CAM photosynthesis enhances water conservation
When plants first colonized the terrestrial environment, they evolved adaptations to restrict water losses to a dry atmosphere. Among these adaptations is a unique photosynthetic pathway called crassulacean acid metabolism (CAM), which occurs in over 10,000 plant species belonging to 33 families.
While C4 photosynthesis separates CO2 uptake and the Calvin cycle spatially, CAM separates these two steps temporally (FIGURE 5.15). CAM plants open their stomates at night, when C3 and C4 plants have their stomates closed.
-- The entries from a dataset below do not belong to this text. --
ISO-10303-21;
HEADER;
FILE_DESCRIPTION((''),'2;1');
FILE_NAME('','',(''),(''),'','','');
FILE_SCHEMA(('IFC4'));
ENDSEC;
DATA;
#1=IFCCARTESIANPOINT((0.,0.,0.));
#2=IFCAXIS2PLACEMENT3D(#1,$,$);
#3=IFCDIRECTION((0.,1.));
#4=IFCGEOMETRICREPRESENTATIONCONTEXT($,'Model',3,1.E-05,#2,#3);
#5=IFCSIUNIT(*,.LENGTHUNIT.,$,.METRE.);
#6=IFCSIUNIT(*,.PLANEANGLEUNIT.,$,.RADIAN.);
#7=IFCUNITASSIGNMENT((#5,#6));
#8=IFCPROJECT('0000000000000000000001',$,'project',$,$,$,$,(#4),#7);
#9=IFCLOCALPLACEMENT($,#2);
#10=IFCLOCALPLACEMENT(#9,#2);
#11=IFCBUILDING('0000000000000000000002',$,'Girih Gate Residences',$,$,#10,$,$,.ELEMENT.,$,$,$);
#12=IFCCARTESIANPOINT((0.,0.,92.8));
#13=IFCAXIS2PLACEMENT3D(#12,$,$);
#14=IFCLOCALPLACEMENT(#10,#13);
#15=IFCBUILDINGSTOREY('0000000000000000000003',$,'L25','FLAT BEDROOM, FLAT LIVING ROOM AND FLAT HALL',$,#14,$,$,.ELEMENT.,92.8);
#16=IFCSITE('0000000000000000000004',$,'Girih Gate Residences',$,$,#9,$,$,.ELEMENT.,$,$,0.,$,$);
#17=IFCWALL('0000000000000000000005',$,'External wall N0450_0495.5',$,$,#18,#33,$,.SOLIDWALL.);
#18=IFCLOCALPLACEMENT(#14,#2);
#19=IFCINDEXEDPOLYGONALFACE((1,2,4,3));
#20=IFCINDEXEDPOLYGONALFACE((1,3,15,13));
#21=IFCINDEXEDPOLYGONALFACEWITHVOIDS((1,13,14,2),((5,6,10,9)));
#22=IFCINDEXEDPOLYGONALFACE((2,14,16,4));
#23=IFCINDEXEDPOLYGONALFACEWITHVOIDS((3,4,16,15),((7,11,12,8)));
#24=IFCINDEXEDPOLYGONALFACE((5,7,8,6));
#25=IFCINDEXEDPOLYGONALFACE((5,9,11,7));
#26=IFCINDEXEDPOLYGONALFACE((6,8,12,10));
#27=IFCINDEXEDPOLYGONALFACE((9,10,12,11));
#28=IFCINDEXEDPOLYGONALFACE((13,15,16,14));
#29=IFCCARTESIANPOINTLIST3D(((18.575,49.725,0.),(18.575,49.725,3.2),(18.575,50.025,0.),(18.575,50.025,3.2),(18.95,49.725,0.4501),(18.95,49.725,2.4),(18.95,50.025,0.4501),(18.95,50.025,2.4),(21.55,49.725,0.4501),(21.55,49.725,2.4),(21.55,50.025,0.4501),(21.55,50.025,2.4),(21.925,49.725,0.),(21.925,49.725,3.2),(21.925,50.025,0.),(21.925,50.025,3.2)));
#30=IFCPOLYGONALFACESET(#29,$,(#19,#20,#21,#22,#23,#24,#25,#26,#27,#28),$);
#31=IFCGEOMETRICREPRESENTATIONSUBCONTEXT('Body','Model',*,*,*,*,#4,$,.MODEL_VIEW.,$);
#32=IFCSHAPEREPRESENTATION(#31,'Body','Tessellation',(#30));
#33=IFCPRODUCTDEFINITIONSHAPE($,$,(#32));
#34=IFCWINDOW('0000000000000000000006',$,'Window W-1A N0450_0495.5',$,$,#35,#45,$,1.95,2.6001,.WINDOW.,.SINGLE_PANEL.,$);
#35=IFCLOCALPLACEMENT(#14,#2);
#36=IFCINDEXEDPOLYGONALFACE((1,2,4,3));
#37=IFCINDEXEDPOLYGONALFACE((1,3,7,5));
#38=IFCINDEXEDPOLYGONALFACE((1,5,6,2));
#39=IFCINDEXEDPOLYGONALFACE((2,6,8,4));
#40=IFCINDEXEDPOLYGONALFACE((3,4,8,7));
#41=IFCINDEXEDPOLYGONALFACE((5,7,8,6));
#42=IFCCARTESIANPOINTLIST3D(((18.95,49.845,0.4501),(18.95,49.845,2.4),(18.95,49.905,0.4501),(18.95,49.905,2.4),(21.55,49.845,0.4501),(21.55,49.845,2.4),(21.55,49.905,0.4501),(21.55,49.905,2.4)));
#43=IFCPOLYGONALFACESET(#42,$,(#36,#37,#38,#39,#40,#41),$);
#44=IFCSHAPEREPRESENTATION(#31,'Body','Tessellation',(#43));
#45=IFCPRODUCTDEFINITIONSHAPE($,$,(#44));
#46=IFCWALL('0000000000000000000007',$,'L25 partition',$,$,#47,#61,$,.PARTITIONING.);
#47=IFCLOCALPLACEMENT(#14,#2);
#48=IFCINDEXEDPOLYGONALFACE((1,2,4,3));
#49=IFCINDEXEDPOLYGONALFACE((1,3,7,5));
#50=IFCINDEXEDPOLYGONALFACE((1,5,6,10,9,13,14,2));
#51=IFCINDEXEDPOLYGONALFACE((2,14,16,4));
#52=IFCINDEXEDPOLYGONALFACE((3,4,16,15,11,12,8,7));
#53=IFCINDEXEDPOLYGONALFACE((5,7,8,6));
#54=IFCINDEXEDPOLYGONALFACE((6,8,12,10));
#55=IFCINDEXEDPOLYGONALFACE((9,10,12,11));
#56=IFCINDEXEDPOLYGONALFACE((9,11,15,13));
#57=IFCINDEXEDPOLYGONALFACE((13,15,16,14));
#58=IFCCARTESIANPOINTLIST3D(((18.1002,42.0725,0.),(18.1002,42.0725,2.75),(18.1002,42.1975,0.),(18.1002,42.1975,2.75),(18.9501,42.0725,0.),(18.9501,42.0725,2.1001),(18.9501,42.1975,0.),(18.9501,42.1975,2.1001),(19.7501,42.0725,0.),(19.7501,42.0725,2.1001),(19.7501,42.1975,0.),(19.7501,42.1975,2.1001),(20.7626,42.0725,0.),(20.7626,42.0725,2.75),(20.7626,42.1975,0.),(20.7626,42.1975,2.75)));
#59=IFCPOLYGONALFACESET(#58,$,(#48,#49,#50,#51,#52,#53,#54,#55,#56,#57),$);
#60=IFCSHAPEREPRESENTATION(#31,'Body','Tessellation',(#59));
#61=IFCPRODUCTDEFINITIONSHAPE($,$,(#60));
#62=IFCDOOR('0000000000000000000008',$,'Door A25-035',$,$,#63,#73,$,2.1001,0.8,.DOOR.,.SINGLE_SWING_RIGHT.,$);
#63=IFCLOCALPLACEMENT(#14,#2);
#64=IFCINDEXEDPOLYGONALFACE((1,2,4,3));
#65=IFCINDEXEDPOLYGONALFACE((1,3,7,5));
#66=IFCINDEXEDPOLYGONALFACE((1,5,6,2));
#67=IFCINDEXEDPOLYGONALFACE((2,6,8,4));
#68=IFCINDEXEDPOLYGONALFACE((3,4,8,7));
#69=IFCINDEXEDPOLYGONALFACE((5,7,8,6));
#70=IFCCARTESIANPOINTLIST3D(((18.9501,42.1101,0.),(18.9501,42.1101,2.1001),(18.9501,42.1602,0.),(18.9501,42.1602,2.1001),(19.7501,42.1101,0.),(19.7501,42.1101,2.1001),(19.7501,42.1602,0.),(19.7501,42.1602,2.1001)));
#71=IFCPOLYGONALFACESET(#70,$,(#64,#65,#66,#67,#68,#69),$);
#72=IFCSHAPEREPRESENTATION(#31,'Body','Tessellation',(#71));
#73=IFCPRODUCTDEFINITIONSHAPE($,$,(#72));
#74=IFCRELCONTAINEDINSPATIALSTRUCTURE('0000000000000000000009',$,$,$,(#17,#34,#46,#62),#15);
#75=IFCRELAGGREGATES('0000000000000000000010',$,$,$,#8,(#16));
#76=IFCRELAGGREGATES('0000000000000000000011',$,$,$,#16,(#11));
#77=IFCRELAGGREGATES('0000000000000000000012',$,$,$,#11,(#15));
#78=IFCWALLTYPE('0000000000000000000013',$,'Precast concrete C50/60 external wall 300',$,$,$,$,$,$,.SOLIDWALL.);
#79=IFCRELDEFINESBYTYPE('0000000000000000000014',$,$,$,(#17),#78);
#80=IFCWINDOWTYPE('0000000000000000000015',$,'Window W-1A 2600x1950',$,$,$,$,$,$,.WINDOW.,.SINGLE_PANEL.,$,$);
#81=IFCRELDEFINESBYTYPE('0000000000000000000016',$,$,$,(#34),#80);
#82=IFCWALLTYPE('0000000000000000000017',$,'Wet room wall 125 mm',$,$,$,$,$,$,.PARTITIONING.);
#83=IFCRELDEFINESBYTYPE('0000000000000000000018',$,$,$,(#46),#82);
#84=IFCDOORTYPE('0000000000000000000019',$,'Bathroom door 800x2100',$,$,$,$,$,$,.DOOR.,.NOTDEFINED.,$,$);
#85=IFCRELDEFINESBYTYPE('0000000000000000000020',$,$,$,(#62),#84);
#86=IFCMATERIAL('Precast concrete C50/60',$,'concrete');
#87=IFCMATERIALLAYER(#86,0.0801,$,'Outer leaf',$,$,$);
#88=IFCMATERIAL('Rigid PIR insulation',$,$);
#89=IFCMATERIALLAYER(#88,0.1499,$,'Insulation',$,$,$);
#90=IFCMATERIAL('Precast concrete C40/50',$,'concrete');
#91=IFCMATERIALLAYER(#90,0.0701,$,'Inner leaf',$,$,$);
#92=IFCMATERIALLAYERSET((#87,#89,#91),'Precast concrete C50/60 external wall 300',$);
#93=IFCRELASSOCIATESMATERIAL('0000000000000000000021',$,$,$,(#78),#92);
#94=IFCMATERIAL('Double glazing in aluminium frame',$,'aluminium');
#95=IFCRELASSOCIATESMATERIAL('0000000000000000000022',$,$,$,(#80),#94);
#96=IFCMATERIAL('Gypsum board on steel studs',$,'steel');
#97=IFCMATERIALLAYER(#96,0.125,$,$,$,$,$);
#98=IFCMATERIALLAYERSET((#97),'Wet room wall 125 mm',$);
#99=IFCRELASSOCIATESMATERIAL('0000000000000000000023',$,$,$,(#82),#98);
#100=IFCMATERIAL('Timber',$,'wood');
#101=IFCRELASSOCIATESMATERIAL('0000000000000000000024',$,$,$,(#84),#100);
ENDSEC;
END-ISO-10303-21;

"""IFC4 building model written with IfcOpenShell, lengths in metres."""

from ifc_helpers import new_model, si_unit, direction, frame, frame_2d, origin, place, context, subcontext, project, spatial, rectangle, extrude, material, layer, layer_set, type_object, element, fill, save


model = new_model("IFC4")

# Units and contexts
model_context = context("Model", 3, precision=1e-05, world=origin(), true_north=direction((0.0, 1.0)))
body_context = subcontext(model_context, "Body", "Model", "MODEL_VIEW")
ifc_project = project(units=[si_unit("LENGTHUNIT", "METRE"), si_unit("PLANEANGLEUNIT", "RADIAN")], contexts=[model_context])

# Site, building, storey
site_placement = place(None, origin())
site = spatial("IfcSite", under=ifc_project, at=site_placement, Name="Girih Gate Residences", CompositionType="ELEMENT", RefElevation=0.0)
building_placement = place(site_placement, origin())
building = spatial("IfcBuilding", under=site, at=building_placement, Name="Girih Gate Residences", CompositionType="ELEMENT")
storey_placement = place(building_placement, frame((0.0, 0.0, 92.8)))
storey = spatial("IfcBuildingStorey", under=building, at=storey_placement, Name="L25", Description="FLAT BEDROOM, FLAT LIVING ROOM AND FLAT HALL", CompositionType="ELEMENT", Elevation=92.8)

# Shared definitions
ifc_material_1 = material(Name="Gypsum board on steel studs", Category="steel")
ifc_material_2 = material(Name="Timber", Category="wood")

# Wall, opening, window
ifc_material_3 = material(Name="Precast concrete C50/60", Category="concrete")
ifc_layer_1 = layer(ifc_material_3, 0.0801, Name="Outer leaf")
ifc_material_4 = material(Name="Rigid PIR insulation")
ifc_layer_2 = layer(ifc_material_4, 0.1499, Name="Insulation")
ifc_material_5 = material(Name="Precast concrete C40/50", Category="concrete")
ifc_layer_3 = layer(ifc_material_5, 0.0701, Name="Inner leaf")
ifc_layer_set_1 = layer_set([ifc_layer_1, ifc_layer_2, ifc_layer_3], Name="Precast concrete C50/60 external wall 300")
wall_type_1 = type_object("IfcWallType", Name="Precast concrete C50/60 external wall 300", PredefinedType="SOLIDWALL", material=ifc_layer_set_1)
wall_1_placement = place(storey_placement, frame((18.575, 49.875, 0.0), z_axis=(0.0, 0.0, 1.0), x_axis=(1.0, 0.0, 0.0)))
wall_1 = element("IfcWall", 1, at=wall_1_placement, inside=storey, type_object=wall_type_1, Name="External wall N0450_0495.5", PredefinedType="SOLIDWALL", context=body_context, shape_type="SweptSolid", body=[
    extrude(rectangle(XDim=3.3501, YDim=0.3, at=frame_2d((1.675, 0.0))), origin(), (0.0, 0.0, 1.0), 3.2),
])
opening_1_placement = place(wall_1_placement, frame((0.375, 0.0, 0.45)))
opening_1 = element("IfcOpeningElement", 2, at=opening_1_placement, cuts=wall_1, PredefinedType="OPENING", context=body_context, shape_type="SweptSolid", body=[
    extrude(rectangle(XDim=2.6001, YDim=1.95, at=frame_2d((1.3, 0.9751))), frame((0.0, 0.1599, 0.0), z_axis=(0.0, -1.0, 0.0), x_axis=(1.0, 0.0, 0.0)), (0.0, 0.0, 1.0), 0.3201),
])
ifc_material_6 = material(Name="Double glazing in aluminium frame", Category="aluminium")
window_type = type_object("IfcWindowType", Name="Window W-1A 2600x1950", PartitioningType="SINGLE_PANEL", PredefinedType="WINDOW", material=ifc_material_6)
window_placement = place(opening_1_placement, origin())
window = element("IfcWindow", 3, at=window_placement, inside=storey, type_object=window_type, Name="Window W-1A N0450_0495.5", OverallHeight=1.95, OverallWidth=2.6001, PartitioningType="SINGLE_PANEL", PredefinedType="WINDOW", context=body_context, shape_type="SweptSolid", body=[
    extrude(rectangle(XDim=2.6001, YDim=1.95, at=frame_2d((1.3, 0.9751))), frame((0.0, 0.03, 0.0), z_axis=(0.0, -1.0, 0.0), x_axis=(1.0, 0.0, 0.0)), (0.0, 0.0, 1.0), 0.0601),
])
fill(opening_1, window)

# Wall, opening, door
ifc_layer_4 = layer(ifc_material_1, 0.125)
ifc_layer_set_2 = layer_set([ifc_layer_4], Name="Wet room wall 125 mm")
wall_type_2 = type_object("IfcWallType", Name="Wet room wall 125 mm", PredefinedType="PARTITIONING", material=ifc_layer_set_2)
wall_2_placement = place(storey_placement, frame((20.7625, 42.135, 0.0), z_axis=(0.0, 0.0, 1.0), x_axis=(-1.0, 0.0, 0.0)))
wall_2 = element("IfcWall", 4, at=wall_2_placement, inside=storey, type_object=wall_type_2, Name="L25 partition", PredefinedType="PARTITIONING", context=body_context, shape_type="SweptSolid", body=[
    extrude(rectangle(XDim=2.6624, YDim=0.125, at=frame_2d((1.3311, 0.0))), origin(), (0.0, 0.0, 1.0), 2.75),
])
opening_2_placement = place(wall_2_placement, frame((1.0125, 0.0, 0.0)))
opening_2 = element("IfcOpeningElement", 5, at=opening_2_placement, cuts=wall_2, PredefinedType="OPENING", context=body_context, shape_type="SweptSolid", body=[
    extrude(rectangle(XDim=0.8, YDim=2.1001, at=frame_2d((0.3999, 1.05))), frame((0.0, 0.0725, 0.0), z_axis=(0.0, -1.0, 0.0), x_axis=(1.0, 0.0, 0.0)), (0.0, 0.0, 1.0), 0.145),
])
door_type_1 = type_object("IfcDoorType", Name="Bathroom door 800x2100", OperationType="NOTDEFINED", PredefinedType="DOOR", material=ifc_material_2)
door_1_placement = place(opening_2_placement, origin())
door_1 = element("IfcDoor", 6, at=door_1_placement, inside=storey, type_object=door_type_1, Name="Door A25-035", OperationType="SINGLE_SWING_RIGHT", OverallHeight=2.1001, OverallWidth=0.8, PredefinedType="DOOR", context=body_context, shape_type="SweptSolid", body=[
    extrude(rectangle(XDim=0.8, YDim=2.1001, at=frame_2d((0.3999, 1.05))), frame((0.0, 0.0249, 0.0), z_axis=(0.0, -1.0, 0.0), x_axis=(1.0, 0.0, 0.0)), (0.0, 0.0, 1.0), 0.05),
])
fill(opening_2, door_1)

save(model, "model.ifc")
Because air temperatures at night are cooler, humidity is higher. Higher humidity results in a lower water potential gradient between the leaf and the air (see Concept 4.3), so the plant loses less water by transpiration than it would during the day. CAM plants close their stomates during the day, when the potential for water loss is highest.
pathways fix carbon and produce sugars, but C4 photosynthesis separates these steps spatially, while CAM separates them temporally. View larger image
During the night, when the stomates are open, CAM plants take up CO2 using PEPcase and incorporate it into a four-carbon organic acid, which is stored in vacuoles (FIGURE 5.16). The resulting increase in acidity in the plants' tissues during the night is characteristic of CAM plants and can be used to estimate their photosynthetic rates. During the day, when the stomates are closed, the organic acid is broken down, releasing CO2 to the Calvin cycle. CO2 concentrations in the photosynthetic tissues of CAM plants are thus higher than those in the atmosphere during the day. These high CO2 concentrations increase the efficiency of photosynthesis as they suppress photorespiration.
Photosynthetic rates in CAM plants are usually related to the capacity of the plant to store the four-carbon organic acid, so many CAM plants are succulent, with thick, fleshy leaves or stems, which enhances their nighttime acid storage capacity.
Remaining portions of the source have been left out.